III. Case law precedent
The consensual approach itself has produced mixed results. In Lanco v. Argentina,2 the tribunal qualified an 18.3% minority equity participation in a consortium as a protected investment under Article I(1) of the Argentina-US BIT. By contrast, in Gruslin v. Malaysia,3 the purchase of securities by a Belgian investor by way of a mutual fund did not satisfy the notion of investment within the meaning of the 1979 Intergovernmental Agreement between Malaysia and the Belgo-Luxembourg Economic Union. In Olguin v. Paraguay,4 highly speculative financial instruments were found to qualify as a protected investment under the Peru-Paraguay BIT, which admits monetary claims of any type of benefit of economic value. Ambiente Ufficio v. Argentina5 sets a precedent for protected investments in a host State’s sovereign bonds. The tribunal in Fedax v. Venezuela6 regarded promissory notes issued by Venezuela as a protected investment. So was a loan offered by a bank to a collection agency subject to guaranteed repayment by the government in CSOB v. Slovakia.7
Applying the typical characteristics approach, in Joy Mining v. Egypt,8 the tribunal did not regard a bank guarantee ancillary to a supply agreement between a foreign investor and a governmental enterprise as a protected investment within the meaning of Art 25(1) of the ICSID Convention. Equally, the tribunal in PSEG v. Turkey9 rejected the qualification of a financial option as a protected investment on the basis that there had to be a limit to what could reasonably qualify as a protected investment.

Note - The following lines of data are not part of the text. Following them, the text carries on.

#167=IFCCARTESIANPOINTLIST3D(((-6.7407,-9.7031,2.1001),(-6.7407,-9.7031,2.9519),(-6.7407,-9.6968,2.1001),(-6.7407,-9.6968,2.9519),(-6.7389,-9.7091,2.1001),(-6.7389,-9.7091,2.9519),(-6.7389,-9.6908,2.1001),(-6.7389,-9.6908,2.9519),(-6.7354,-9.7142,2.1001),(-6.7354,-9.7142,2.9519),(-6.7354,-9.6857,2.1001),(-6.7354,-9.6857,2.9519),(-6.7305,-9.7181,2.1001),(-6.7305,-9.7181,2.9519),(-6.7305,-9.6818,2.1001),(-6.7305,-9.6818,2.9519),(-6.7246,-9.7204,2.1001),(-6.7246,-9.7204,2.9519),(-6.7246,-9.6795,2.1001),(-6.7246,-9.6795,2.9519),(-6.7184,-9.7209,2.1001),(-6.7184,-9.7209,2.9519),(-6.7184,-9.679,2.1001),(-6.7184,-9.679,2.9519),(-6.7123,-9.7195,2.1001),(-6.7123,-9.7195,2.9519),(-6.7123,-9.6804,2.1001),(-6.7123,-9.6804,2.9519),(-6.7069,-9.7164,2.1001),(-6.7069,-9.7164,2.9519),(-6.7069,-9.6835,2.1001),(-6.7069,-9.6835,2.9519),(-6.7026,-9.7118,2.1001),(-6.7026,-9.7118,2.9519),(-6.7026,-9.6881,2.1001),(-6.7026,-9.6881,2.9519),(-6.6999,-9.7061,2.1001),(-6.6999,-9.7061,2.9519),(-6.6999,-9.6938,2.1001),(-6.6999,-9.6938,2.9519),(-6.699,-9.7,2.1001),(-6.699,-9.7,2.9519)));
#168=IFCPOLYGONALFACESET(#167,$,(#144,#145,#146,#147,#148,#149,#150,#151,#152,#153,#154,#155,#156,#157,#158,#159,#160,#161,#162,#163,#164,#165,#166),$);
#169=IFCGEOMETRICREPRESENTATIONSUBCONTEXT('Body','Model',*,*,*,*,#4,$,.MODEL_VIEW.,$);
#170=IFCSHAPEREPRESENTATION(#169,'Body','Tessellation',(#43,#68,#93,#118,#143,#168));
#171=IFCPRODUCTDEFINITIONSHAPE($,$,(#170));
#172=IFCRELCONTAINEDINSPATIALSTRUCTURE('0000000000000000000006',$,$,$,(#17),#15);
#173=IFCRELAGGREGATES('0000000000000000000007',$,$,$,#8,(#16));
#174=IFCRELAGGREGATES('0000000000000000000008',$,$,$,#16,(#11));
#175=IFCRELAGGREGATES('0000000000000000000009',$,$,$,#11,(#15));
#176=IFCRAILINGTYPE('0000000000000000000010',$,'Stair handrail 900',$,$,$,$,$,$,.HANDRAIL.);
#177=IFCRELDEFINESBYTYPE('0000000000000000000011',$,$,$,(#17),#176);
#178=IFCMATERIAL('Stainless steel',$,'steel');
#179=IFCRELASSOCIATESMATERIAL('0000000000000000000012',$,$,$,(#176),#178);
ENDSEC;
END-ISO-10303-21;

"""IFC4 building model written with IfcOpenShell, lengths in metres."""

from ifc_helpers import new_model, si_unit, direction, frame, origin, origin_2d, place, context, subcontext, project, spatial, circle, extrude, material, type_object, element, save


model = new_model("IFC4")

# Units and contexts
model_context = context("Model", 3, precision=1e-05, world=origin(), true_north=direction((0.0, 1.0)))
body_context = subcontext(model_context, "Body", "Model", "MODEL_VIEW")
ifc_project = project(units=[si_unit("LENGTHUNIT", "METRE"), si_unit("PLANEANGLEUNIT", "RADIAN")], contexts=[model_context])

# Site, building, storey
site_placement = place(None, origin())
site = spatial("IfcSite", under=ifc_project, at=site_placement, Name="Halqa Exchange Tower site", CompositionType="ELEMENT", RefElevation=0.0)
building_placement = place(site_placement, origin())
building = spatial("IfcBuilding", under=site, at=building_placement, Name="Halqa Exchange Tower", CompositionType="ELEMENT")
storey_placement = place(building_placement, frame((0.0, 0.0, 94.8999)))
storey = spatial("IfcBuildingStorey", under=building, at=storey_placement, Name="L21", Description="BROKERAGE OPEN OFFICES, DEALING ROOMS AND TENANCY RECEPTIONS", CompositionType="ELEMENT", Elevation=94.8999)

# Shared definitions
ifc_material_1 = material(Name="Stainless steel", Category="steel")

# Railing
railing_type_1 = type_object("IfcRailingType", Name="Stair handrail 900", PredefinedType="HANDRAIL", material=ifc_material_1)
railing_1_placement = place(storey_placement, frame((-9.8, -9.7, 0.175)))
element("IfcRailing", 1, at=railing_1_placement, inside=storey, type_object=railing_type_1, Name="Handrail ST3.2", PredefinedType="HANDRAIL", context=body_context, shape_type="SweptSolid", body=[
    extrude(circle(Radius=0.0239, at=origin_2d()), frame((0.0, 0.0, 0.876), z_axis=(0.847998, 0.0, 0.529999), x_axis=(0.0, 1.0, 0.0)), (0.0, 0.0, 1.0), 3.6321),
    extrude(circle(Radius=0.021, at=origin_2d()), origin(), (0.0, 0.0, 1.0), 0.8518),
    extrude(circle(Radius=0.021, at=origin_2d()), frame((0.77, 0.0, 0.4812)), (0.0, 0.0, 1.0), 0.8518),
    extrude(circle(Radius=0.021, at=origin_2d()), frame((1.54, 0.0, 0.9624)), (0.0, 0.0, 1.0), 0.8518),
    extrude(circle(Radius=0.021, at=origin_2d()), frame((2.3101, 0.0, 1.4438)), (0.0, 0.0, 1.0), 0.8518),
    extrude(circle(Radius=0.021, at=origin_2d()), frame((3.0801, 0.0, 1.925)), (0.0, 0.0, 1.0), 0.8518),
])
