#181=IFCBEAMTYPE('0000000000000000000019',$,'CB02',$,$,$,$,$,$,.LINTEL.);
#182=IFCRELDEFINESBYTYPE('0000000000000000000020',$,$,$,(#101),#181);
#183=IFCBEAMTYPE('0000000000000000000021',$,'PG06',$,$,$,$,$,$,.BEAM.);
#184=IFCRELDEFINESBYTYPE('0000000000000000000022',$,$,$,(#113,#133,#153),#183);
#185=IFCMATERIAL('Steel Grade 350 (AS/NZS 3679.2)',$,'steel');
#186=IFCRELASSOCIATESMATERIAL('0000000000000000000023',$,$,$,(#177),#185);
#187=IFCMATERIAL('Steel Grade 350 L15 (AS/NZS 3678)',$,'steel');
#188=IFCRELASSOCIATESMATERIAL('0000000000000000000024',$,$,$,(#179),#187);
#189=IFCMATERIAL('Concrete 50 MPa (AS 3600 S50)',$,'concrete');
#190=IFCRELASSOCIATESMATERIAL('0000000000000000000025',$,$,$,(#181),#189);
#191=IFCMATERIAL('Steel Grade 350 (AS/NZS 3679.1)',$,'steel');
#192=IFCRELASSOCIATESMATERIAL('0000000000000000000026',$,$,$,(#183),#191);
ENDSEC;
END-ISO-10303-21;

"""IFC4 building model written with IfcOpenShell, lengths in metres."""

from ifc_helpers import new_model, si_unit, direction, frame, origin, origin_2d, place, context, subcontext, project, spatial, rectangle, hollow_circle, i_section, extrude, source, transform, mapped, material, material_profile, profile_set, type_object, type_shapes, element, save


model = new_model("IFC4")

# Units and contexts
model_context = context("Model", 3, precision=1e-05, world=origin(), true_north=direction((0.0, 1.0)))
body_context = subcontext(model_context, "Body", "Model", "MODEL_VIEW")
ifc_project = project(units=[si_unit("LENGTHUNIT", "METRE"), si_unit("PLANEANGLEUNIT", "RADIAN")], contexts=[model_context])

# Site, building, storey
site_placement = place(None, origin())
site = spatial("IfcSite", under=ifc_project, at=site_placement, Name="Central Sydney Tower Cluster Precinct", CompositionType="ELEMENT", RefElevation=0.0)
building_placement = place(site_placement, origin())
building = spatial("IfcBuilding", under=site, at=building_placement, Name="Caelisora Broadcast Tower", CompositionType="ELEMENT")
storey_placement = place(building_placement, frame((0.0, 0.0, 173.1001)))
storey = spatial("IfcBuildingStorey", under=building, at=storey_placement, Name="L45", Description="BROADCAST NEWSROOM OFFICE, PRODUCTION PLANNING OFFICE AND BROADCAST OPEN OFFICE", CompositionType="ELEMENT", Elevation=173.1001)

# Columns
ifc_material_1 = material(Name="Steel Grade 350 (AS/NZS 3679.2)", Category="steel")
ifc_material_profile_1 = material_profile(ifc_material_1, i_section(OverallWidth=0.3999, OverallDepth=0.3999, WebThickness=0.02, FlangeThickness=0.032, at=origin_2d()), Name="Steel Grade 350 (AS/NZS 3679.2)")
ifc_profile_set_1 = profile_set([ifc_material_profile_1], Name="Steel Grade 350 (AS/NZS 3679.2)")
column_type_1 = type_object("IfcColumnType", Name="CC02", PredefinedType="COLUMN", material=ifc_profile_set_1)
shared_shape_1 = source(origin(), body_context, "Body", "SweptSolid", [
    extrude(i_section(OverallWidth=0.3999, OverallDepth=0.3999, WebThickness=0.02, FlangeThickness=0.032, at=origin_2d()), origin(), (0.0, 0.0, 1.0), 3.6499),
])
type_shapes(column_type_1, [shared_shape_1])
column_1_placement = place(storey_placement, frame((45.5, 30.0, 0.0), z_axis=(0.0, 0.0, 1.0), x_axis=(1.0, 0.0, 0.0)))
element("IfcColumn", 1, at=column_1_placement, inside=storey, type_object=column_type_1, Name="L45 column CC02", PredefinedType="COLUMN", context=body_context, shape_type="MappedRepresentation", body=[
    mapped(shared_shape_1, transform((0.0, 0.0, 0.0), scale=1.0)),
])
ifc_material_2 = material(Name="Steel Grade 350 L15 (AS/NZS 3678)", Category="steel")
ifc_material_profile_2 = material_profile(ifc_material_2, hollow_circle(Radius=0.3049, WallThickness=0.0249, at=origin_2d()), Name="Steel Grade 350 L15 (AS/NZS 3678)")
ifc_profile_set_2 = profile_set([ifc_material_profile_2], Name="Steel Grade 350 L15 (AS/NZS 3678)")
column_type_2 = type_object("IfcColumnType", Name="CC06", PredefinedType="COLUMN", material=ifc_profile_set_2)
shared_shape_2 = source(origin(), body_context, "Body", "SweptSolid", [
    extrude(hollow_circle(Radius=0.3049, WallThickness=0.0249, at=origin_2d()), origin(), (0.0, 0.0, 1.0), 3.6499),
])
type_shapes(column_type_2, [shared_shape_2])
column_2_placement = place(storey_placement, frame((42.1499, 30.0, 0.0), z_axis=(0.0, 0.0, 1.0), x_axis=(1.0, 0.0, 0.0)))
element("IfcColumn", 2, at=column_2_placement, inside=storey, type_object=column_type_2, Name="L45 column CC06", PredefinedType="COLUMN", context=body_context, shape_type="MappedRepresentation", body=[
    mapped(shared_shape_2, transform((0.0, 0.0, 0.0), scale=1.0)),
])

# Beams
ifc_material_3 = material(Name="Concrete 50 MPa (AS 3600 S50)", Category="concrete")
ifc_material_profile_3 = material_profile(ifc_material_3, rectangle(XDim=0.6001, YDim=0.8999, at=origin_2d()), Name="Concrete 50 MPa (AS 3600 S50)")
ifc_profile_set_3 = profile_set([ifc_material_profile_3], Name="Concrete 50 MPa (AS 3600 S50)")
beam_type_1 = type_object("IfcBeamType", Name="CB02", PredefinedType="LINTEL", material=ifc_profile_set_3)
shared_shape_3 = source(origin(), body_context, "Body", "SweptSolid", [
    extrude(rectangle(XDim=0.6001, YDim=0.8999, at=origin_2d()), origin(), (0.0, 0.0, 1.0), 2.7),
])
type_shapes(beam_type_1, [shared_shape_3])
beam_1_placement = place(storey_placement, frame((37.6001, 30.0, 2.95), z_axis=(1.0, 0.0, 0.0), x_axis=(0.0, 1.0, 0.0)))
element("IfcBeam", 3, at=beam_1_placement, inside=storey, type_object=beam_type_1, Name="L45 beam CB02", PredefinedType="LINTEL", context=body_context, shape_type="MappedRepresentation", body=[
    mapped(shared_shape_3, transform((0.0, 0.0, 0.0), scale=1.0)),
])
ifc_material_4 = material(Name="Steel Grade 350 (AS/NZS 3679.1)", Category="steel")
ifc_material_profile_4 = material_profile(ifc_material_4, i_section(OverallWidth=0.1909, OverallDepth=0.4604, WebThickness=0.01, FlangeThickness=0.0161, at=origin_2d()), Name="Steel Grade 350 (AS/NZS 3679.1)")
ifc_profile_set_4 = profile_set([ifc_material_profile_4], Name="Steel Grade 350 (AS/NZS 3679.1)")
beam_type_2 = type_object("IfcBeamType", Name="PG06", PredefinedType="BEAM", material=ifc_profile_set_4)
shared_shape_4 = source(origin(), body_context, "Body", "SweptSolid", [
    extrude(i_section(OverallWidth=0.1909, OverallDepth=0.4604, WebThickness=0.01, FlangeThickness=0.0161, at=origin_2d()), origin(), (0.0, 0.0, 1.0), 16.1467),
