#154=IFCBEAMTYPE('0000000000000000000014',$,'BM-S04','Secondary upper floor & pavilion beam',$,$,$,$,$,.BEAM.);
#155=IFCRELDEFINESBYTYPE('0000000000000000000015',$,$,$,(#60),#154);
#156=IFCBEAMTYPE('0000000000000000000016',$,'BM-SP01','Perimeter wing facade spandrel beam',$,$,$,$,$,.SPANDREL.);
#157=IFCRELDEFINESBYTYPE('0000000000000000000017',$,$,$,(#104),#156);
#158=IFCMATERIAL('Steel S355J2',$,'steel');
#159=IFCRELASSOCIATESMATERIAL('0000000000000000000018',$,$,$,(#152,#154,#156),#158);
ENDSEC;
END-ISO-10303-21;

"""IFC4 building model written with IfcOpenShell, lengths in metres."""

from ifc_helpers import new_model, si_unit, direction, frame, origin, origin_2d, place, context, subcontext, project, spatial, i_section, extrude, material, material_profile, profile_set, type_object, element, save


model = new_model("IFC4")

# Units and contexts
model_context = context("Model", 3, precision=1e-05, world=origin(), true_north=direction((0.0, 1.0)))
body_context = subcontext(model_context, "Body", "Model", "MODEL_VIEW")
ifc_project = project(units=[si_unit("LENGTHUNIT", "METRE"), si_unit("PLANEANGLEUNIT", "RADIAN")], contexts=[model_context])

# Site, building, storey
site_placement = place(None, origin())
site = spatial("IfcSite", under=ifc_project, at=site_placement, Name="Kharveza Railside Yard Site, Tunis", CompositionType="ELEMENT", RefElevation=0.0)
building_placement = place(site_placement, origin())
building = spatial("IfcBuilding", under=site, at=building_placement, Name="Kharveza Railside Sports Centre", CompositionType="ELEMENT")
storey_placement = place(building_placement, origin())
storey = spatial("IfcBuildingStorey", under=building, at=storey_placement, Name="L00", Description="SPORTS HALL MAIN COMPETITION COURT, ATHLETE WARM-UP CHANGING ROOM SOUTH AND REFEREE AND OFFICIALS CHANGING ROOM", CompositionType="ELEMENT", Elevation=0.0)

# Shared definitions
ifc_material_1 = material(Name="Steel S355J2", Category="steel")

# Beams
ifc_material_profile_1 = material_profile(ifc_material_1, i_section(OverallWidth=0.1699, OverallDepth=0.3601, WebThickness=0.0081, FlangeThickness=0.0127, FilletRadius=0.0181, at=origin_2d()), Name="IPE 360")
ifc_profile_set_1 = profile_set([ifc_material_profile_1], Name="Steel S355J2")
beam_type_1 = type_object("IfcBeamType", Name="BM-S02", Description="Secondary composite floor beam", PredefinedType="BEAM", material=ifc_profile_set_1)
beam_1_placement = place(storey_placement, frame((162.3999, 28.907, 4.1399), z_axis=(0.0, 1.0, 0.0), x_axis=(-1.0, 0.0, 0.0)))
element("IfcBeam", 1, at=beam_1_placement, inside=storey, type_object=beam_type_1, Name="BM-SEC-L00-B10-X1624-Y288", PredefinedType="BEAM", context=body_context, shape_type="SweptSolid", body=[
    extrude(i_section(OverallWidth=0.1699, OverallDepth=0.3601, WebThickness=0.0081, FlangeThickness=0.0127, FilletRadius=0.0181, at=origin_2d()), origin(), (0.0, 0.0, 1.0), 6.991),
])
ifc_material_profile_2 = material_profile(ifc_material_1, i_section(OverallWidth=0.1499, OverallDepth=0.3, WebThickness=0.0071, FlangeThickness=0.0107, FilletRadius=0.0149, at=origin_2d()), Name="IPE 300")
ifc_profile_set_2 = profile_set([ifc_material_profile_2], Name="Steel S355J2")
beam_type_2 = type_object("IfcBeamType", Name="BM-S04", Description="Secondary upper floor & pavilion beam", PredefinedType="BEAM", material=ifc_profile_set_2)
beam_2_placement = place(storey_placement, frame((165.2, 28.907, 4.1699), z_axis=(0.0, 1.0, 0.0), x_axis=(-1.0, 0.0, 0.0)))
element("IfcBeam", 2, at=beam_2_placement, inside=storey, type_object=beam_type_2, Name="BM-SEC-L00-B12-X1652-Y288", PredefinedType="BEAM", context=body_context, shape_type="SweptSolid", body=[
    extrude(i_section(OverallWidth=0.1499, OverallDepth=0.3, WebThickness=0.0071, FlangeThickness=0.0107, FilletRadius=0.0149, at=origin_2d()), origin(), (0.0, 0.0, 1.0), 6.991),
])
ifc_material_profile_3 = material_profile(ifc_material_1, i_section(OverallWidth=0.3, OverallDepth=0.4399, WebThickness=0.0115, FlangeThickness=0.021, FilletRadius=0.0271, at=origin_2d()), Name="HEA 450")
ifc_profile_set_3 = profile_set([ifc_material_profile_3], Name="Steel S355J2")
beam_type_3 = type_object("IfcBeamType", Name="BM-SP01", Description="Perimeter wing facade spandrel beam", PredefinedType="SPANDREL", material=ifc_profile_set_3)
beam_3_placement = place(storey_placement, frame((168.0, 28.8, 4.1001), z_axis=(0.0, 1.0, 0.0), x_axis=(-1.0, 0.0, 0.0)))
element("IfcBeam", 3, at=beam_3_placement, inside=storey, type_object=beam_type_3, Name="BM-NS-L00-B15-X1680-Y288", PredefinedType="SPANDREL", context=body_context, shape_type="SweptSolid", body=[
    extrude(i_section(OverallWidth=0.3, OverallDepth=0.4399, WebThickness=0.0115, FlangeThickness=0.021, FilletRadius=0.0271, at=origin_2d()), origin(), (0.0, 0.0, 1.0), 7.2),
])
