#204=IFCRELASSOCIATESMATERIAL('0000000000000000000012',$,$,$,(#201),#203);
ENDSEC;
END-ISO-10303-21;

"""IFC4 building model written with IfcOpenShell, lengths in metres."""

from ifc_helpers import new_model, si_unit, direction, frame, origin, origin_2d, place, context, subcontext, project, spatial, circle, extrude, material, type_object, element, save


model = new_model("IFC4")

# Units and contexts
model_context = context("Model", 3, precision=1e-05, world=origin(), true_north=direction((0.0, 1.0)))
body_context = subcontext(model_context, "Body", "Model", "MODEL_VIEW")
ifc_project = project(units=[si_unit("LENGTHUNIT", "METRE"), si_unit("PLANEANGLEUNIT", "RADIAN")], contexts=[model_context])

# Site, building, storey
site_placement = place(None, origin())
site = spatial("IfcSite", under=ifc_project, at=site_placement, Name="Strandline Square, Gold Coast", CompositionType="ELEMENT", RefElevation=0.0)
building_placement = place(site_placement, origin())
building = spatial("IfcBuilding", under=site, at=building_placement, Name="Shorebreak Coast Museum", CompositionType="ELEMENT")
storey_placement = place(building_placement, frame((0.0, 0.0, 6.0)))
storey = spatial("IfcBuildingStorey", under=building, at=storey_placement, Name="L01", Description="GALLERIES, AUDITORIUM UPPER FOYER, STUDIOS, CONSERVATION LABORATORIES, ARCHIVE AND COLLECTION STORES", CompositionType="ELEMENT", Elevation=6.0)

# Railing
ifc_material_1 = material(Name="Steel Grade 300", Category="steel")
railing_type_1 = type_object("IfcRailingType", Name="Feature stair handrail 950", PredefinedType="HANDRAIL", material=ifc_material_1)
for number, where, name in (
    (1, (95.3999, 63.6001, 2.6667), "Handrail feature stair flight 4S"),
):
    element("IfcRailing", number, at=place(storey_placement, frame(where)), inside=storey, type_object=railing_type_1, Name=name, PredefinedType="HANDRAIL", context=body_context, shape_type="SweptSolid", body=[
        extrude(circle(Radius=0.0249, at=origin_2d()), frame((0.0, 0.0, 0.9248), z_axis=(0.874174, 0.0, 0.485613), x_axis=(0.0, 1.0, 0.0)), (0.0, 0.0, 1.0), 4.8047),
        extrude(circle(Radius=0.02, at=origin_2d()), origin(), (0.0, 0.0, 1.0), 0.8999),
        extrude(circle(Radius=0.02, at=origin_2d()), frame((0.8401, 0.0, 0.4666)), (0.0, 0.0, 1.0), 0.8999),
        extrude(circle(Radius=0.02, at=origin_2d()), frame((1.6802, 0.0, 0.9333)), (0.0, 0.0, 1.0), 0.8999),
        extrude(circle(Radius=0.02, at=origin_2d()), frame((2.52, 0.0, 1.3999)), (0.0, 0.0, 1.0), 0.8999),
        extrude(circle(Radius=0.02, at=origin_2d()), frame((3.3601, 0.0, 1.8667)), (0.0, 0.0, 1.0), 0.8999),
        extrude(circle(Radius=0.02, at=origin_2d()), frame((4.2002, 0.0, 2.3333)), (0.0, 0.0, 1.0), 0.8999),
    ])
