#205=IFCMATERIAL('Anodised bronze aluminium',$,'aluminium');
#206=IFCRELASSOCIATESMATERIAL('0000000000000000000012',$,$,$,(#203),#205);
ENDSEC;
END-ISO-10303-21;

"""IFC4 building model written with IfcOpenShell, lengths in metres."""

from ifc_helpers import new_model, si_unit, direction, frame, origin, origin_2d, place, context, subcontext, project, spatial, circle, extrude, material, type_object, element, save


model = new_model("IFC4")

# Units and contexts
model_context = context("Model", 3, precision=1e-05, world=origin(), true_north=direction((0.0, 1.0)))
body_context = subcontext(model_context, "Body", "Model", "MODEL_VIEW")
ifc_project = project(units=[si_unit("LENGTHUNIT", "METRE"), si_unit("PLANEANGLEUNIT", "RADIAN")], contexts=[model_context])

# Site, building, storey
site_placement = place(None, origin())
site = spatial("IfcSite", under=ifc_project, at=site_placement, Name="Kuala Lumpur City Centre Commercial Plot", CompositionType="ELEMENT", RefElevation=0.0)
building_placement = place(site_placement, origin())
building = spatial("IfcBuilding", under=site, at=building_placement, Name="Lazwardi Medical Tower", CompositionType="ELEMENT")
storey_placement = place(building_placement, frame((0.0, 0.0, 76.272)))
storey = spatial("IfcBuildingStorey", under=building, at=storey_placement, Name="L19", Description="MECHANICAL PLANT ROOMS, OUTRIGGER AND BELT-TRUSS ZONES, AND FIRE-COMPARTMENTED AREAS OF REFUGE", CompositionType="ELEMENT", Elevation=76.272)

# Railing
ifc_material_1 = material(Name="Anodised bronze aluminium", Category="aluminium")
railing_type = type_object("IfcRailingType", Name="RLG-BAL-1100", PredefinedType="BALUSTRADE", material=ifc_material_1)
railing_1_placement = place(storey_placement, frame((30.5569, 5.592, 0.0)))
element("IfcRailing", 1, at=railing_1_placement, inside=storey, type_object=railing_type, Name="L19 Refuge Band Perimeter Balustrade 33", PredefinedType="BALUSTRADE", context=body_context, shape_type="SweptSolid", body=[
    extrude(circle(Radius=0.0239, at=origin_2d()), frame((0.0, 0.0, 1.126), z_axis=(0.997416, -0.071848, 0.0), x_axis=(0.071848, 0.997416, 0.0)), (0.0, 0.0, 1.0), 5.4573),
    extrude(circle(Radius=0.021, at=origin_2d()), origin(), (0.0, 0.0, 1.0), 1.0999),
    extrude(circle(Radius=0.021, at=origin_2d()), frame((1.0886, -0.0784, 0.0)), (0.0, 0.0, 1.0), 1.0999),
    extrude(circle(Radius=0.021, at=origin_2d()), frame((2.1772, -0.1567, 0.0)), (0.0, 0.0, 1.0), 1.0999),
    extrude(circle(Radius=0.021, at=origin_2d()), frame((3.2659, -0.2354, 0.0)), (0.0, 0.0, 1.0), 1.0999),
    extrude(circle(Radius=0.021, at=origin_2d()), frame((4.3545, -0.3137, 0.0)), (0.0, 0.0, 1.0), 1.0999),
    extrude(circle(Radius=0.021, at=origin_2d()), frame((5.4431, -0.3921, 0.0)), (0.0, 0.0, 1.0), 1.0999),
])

Deutsche Bank v. Sri Lanka10 found that a derivative instrument could qualify whereas Postova banka v. Greece11 reached the opposite conclusion with respect to interests in Greek government bonds.
Risso, G.L., Portfolio Investment in ICSID Arbitration: Just a Matter of Consent?, Journal of International Arbitration, Vol. 37, Issue 3, 2020, pp. 341-362.
Rubins, N., The Notion of ‘Investment’ in International Investment Arbitration, in Horn, N. and Kroell, S.M. (eds.), Arbitrating Foreign Investment Disputes: Procedural and Substantive Legal Aspects, Kluwer Law International, 2004, pp. 283-324.
Salacuse, J.W., The Law of Investment Treaties, Oxford University Press, 2nd ed., 2015, p. 30.